This is clearly a gain to society; but it is bought at a cost. Once made, ideas are relatively readily transmitted and used; they are, in economic terms, non-rivalrous.[4] From an economic point of view, therefore, they ought to be used as widely as possible—which implies a price of or close to zero (for the idea itself, though not for its material form). The exclusionary right granted by the IPR, however, enables the right-owner to set a positive price for the protected material, thereby reducing the flow of and output from ideas. To the extent to which ideas themselves serve as the basis for generating further ideas, the social cost of the reduced flow can take the form not only of less income today but also of less growth in income in periods to come. If owners of IPRs could use their exclusionary rights to extend their control even further than the original grant contemplated, securing an income stream in excess of the social gain arising from their creation, the costs to society could be greater yet.

The fact there is consequently a balancing to be sought is nothing new. Arguments that ‘public utility requires that production of the mind should be diffused as widely as possible’[5] were common in the English literary property debate of the eighteenth century; so too was the hostility to patents embodied in Blackstone’s view that ‘mechanical inventions tend to the improvement of arts and manufactures, which employ the bulk of people; therefore they ought to be cheap and numerous’.[6] Although copyright eventually gained widespread acceptance, criticism of the ‘monopoly’ granted by patents has periodically resurfaced, with even the intellectual grand-father of Chicago economics, Frank Knight, viewing them as an ‘exceedingly crude way of rewarding invention’.[7] From this he concluded that ‘it would seem to be a matter of political intelligence and administrative capability to replace artificial monopoly with some direct method of stimulating and rewarding research’[8]—a view the Nobel laureate in economics, Kenneth Arrow, echoed, some 40 years later, in his classic article of the economics of research and development (R&D).[9]
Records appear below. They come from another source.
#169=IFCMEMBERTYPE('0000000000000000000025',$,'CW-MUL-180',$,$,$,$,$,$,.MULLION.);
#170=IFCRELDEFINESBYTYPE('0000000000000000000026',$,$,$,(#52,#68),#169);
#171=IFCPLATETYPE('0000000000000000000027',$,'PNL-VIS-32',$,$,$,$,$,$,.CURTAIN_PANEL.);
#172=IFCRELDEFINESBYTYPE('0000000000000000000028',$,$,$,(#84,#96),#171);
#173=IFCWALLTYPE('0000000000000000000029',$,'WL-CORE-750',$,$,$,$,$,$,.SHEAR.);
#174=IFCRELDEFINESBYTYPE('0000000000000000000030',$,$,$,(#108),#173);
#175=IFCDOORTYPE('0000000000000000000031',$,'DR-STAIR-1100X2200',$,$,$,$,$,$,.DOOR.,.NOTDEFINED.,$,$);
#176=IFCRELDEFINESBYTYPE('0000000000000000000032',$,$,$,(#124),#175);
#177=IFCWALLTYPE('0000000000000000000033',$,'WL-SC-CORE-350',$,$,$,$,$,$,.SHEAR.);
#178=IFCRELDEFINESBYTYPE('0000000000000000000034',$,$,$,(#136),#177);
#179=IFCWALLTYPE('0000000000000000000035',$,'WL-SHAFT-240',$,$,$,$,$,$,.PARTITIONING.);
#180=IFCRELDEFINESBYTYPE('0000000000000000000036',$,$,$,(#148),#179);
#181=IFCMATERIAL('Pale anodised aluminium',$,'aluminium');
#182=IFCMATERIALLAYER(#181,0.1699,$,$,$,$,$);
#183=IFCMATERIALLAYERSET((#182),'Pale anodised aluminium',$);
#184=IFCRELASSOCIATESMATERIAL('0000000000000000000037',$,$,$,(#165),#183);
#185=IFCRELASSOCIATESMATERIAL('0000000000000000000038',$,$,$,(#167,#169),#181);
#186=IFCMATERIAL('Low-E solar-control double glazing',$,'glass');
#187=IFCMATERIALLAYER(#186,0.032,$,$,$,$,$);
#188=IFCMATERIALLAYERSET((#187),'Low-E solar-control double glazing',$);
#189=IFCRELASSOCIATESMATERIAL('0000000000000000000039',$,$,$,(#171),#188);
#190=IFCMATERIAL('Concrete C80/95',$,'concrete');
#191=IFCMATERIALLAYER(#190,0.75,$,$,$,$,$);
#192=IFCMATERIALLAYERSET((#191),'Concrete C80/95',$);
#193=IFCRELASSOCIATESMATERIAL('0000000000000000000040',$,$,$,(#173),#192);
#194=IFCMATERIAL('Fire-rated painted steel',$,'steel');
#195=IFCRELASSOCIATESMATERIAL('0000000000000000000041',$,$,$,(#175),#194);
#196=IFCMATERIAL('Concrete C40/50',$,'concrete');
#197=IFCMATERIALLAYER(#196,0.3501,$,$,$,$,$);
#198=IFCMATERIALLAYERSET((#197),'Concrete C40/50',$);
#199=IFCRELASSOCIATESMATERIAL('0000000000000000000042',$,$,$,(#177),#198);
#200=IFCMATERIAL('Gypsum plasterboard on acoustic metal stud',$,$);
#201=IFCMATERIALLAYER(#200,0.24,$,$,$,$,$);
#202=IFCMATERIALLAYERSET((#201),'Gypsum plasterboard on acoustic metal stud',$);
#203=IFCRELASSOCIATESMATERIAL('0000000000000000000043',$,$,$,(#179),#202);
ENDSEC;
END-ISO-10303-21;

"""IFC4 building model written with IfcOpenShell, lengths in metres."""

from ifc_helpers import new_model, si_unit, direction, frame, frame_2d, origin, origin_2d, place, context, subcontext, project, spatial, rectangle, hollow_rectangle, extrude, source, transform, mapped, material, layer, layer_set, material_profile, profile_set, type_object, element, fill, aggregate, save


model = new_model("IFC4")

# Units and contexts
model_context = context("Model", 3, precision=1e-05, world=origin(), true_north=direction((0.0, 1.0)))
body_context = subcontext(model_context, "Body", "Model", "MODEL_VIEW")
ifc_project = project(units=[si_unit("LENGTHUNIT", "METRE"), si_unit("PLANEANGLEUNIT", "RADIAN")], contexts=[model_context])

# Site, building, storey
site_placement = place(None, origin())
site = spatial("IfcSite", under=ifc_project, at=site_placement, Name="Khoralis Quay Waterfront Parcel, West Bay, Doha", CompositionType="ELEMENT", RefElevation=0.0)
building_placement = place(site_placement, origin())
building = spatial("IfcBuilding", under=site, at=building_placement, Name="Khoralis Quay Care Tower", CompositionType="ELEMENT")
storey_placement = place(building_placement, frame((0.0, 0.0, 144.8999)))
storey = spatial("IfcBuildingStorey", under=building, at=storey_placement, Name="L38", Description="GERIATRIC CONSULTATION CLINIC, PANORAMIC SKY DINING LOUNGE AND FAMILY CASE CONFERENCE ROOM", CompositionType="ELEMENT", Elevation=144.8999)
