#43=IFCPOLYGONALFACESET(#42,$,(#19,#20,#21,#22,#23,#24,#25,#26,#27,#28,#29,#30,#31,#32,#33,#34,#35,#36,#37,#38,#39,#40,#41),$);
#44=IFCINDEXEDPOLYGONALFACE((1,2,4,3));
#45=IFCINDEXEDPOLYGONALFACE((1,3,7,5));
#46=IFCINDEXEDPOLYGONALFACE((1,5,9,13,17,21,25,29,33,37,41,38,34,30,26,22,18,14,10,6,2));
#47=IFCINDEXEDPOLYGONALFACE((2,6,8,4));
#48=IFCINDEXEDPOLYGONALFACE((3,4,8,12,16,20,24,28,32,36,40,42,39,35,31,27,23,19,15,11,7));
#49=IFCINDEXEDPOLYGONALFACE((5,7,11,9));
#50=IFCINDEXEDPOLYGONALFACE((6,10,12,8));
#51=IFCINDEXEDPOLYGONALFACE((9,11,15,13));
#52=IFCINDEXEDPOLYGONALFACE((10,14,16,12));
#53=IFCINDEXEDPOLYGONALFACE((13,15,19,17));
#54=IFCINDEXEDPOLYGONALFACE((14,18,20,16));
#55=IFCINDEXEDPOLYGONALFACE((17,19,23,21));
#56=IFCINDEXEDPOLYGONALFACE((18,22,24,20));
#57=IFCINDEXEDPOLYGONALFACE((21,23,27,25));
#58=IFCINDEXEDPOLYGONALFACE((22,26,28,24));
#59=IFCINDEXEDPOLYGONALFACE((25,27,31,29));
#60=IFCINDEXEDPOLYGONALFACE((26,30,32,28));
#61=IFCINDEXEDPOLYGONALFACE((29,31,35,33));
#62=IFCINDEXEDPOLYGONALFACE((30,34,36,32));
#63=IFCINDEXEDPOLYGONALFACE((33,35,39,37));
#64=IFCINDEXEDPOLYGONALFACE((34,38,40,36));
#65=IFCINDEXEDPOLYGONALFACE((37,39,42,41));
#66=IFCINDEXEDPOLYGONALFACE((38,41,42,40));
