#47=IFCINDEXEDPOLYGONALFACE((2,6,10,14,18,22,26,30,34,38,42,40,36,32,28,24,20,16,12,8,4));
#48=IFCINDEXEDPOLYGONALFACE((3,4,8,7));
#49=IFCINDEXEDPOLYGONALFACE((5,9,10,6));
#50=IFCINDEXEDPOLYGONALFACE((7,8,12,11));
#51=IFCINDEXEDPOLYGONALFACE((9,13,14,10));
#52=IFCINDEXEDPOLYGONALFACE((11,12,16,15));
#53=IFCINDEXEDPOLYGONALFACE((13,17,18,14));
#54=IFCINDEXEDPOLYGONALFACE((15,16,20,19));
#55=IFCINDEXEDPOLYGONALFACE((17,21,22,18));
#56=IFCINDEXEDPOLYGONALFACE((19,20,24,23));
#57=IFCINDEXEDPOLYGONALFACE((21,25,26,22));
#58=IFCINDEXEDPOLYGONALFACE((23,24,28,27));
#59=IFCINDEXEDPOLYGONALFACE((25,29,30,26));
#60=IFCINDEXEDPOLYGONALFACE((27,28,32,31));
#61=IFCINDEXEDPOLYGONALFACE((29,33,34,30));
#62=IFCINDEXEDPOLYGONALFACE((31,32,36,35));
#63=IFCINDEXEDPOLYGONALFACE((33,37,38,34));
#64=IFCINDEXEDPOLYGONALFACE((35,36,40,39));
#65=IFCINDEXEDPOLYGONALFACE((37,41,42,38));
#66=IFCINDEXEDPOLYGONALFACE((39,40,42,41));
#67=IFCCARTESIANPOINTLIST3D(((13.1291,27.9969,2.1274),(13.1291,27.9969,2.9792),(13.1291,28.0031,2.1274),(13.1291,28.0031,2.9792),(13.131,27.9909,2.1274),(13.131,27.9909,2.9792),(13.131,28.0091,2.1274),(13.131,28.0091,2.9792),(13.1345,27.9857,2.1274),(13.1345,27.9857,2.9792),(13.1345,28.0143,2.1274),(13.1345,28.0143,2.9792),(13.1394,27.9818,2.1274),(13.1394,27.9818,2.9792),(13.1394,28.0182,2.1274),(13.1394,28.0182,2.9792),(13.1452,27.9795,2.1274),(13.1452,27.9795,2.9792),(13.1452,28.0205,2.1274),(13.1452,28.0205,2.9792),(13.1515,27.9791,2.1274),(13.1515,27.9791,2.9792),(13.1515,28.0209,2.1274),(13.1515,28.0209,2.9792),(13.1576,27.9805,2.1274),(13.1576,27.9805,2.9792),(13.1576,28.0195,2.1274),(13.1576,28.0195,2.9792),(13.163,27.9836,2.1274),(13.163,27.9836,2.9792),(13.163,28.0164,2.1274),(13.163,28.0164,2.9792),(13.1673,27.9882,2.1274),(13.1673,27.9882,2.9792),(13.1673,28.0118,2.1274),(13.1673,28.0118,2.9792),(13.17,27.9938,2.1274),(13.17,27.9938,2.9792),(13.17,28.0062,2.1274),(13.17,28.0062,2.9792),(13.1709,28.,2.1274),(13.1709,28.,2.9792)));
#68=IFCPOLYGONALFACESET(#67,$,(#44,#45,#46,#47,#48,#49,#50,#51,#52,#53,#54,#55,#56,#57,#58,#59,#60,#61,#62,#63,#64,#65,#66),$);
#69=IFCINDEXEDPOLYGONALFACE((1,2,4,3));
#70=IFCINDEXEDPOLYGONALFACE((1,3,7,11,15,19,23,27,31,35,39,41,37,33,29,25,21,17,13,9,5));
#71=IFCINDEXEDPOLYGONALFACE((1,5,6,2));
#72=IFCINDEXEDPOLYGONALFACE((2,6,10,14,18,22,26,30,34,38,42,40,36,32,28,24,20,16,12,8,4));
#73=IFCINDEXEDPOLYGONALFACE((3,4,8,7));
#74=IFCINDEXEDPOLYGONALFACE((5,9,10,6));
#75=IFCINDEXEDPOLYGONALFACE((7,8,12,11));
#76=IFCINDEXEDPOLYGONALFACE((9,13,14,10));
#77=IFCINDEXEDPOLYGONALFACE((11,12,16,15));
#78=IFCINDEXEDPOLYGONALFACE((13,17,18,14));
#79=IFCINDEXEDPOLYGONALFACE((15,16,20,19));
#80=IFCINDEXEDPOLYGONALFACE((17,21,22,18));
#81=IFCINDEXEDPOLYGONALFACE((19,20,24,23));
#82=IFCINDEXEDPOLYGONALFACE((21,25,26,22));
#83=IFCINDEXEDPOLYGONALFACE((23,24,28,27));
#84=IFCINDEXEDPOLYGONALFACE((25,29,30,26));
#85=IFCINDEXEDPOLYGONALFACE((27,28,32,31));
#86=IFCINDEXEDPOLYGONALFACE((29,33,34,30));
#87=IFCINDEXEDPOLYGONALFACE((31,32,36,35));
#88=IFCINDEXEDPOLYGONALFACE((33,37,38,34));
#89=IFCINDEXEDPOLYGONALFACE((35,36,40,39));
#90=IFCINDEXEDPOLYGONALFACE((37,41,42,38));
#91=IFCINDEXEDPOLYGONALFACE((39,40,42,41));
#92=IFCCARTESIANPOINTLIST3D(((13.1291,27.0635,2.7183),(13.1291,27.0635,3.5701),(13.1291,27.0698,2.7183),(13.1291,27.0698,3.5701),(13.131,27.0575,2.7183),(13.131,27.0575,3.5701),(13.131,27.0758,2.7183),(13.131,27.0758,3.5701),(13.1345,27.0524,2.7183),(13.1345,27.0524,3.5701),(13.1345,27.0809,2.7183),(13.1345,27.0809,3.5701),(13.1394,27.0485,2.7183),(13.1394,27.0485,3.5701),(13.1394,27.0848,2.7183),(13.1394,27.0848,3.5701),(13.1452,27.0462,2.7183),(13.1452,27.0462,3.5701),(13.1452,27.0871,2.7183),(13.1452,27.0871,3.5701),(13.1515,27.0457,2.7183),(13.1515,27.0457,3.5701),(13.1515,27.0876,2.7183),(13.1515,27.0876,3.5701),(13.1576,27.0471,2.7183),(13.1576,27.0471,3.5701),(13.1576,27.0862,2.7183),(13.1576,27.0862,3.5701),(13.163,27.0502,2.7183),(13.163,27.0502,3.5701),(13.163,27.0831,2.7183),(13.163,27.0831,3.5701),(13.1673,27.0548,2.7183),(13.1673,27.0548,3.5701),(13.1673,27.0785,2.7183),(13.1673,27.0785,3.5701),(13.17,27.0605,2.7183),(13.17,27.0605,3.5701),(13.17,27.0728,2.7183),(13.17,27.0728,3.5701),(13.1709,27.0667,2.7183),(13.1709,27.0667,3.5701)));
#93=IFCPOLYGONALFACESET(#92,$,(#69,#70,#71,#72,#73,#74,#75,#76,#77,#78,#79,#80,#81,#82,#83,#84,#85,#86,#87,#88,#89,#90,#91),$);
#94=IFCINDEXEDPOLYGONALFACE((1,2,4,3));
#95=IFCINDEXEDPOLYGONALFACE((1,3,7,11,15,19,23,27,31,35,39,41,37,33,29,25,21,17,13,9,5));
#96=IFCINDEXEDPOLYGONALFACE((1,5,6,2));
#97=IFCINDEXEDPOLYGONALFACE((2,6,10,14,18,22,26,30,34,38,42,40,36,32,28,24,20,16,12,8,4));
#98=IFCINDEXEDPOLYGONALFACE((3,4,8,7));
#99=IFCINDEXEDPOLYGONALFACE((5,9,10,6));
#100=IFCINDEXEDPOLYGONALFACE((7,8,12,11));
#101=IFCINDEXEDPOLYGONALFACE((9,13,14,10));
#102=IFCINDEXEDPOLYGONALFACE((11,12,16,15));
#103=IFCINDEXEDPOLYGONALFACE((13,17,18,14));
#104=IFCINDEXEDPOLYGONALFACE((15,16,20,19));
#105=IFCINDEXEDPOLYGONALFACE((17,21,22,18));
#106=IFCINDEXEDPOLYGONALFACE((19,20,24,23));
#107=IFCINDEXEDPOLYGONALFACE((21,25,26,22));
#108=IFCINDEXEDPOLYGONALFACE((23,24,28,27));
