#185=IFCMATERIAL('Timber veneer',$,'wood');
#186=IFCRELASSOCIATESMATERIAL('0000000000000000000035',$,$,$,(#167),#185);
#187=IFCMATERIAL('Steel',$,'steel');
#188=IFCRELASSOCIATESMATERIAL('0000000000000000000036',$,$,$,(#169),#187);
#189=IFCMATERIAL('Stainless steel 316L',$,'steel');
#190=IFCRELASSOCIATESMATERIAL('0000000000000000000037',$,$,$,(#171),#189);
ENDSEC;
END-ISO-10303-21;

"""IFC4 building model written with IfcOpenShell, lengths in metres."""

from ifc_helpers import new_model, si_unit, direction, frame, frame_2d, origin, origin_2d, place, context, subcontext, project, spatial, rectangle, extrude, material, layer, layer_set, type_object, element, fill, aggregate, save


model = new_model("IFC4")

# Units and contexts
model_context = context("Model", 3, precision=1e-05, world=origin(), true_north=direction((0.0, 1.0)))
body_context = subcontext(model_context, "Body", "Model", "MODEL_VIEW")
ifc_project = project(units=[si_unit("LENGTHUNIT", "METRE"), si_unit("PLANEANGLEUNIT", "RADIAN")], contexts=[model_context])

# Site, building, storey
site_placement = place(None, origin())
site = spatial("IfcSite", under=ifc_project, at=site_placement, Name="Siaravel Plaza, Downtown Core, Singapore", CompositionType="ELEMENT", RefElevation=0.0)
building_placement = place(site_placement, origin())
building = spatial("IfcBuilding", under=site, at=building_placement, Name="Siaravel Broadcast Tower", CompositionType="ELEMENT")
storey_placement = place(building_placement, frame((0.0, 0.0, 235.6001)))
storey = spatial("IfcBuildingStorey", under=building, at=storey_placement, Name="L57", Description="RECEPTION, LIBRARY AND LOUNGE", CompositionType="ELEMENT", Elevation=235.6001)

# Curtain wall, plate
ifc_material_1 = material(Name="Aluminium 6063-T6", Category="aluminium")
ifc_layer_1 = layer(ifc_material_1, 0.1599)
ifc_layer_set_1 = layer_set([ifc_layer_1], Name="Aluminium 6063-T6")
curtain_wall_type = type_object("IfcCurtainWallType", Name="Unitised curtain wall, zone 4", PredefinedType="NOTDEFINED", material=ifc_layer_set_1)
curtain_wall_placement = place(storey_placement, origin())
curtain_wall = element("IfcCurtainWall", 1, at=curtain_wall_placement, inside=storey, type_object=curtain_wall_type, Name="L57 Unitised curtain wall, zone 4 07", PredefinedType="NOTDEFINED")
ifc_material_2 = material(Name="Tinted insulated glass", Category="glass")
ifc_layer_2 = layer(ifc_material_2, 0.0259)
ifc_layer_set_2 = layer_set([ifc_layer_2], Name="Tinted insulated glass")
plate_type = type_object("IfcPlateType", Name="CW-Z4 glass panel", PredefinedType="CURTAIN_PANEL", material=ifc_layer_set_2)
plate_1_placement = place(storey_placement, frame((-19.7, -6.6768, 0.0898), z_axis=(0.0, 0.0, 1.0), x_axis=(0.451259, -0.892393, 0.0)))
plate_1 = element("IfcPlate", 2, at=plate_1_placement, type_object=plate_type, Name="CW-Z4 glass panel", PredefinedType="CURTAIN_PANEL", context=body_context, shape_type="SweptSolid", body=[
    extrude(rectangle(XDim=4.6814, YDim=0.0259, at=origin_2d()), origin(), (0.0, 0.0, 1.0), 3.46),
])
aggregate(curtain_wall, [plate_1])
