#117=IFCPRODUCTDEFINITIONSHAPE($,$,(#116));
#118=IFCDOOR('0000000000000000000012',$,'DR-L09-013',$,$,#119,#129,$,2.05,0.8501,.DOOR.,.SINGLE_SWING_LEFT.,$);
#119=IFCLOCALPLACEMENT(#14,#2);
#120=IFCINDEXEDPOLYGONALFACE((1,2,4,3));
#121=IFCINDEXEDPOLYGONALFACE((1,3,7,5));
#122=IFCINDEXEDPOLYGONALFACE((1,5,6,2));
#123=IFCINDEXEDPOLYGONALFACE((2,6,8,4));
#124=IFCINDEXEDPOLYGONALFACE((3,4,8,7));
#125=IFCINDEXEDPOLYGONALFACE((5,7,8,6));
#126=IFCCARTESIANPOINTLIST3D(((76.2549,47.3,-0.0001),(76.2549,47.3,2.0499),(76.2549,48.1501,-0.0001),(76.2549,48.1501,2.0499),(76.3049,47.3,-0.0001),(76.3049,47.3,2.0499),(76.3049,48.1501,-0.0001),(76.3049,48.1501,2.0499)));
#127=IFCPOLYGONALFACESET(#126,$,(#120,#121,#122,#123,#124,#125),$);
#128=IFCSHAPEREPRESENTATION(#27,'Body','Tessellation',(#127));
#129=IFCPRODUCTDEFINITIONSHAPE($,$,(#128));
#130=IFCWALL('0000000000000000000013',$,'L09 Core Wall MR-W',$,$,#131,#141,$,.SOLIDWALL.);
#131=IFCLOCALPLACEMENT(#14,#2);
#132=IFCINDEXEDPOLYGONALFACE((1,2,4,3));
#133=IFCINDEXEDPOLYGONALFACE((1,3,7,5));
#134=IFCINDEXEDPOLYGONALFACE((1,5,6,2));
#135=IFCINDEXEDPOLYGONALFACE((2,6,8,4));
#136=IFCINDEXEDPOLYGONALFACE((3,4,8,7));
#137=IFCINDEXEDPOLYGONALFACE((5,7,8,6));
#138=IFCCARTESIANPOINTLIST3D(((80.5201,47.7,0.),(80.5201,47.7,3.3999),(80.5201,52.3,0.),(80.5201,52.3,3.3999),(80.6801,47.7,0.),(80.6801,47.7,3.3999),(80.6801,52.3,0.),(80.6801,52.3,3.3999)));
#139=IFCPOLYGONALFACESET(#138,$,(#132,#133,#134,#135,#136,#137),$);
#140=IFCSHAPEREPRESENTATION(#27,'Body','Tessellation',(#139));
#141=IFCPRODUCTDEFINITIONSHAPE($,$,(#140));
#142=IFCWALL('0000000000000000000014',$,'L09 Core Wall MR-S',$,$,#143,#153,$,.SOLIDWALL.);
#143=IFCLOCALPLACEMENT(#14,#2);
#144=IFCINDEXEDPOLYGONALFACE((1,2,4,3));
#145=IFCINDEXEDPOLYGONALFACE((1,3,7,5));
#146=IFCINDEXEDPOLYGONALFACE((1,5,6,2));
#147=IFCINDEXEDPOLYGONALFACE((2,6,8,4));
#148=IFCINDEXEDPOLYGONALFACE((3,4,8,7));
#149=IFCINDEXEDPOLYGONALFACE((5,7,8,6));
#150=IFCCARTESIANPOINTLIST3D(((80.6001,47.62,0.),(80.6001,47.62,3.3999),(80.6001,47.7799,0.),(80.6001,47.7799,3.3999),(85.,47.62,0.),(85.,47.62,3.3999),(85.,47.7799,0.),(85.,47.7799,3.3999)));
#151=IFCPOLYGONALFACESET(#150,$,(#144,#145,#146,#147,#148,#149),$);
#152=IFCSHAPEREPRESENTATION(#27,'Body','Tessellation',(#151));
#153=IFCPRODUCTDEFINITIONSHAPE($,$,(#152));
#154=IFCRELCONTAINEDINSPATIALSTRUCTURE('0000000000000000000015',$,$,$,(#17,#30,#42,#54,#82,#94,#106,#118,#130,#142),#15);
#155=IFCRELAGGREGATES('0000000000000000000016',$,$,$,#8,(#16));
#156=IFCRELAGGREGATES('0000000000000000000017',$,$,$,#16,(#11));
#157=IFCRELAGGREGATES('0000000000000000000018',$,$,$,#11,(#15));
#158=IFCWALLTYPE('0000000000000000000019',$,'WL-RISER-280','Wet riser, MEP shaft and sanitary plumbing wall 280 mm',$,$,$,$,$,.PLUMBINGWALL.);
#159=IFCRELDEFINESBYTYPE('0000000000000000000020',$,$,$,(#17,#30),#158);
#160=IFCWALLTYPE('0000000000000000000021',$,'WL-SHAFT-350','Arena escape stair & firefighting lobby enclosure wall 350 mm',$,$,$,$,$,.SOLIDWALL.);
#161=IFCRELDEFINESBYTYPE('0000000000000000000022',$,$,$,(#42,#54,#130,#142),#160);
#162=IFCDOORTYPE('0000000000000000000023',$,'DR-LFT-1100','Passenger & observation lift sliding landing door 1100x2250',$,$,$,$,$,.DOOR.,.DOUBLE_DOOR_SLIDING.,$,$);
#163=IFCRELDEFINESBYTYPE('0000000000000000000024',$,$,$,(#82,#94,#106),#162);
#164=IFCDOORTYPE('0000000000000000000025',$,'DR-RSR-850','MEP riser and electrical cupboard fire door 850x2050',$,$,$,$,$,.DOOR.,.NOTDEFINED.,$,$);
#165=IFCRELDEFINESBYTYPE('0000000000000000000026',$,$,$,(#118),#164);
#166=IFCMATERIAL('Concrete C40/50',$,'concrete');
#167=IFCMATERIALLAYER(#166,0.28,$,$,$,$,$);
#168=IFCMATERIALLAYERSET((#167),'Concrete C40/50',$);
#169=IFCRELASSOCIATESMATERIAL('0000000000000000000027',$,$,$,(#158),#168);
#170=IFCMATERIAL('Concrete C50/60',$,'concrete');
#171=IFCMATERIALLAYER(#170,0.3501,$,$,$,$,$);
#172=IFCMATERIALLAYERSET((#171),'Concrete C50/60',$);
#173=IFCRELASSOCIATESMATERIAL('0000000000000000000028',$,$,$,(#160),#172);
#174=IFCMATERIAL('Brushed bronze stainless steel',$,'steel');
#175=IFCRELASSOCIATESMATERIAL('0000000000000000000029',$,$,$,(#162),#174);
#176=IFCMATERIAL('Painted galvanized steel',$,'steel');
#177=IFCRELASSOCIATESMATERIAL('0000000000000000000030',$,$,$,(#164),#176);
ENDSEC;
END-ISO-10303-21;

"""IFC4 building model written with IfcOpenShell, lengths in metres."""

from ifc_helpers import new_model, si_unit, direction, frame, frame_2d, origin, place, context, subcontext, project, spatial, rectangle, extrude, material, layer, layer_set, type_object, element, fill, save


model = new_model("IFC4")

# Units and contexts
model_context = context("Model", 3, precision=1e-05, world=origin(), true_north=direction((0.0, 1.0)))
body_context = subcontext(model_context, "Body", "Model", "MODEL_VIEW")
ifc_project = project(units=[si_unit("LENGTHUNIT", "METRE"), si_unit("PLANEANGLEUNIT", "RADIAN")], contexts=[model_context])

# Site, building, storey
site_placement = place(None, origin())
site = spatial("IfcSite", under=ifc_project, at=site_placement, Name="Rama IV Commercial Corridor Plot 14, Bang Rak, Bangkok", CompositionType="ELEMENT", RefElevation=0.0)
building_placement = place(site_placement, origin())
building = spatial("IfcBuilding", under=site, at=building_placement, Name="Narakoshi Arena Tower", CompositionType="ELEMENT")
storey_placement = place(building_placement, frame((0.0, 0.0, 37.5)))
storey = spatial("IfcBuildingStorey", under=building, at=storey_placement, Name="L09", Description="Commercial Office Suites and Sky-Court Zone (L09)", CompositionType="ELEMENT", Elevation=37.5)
These arguments, compelling though they may be in the abstract, rest on the assumption that governments, in implementing Knights’ ‘direct method’ of stimulation, will make fewer or less costly errors in allocating resources to creative effort than are caused by the market-oriented mechanism of IPRs. This assumption has merit when applied to pure research, but must surely fail at the more applied end of the spectrum. To begin with, it requires a greater degree of omniscience (and perhaps of omni-benevolence) from public decision-makers than it is safe to assume. Additionally, it underestimates the incentives even owners of monopoly rights have to expand output, say through price discrimination, and hence likely overstates the costs of the alleged monopoly. Finally, it wrongly assumes that IPRs serve only to fund investment in creative effort; in practice, they also act to promote the disclosure of new ideas (particularly in areas where secrecy is a viable alternative) and, by allowing well-defined rights to be traded, to facilitate the allocation of the ownership of creative works to those who can put them to their most highly valued use. As no ‘direct method’ of stimulation has yet been found that even comes close to matching these effects, calls for a wholesale retreat from IPRs are not likely to command much support.

What can and should command support is the continued investigation of whether the right balance has been struck between vesting ownership rights in creators and promoting the widest use of the results of creative effort. Faced with changes in technology, and more generally in the economic and regulatory environment in which investment in creative effort occurs, the balance that has been struck, and the particular mechanisms that give it effect, need to be open to re-examination.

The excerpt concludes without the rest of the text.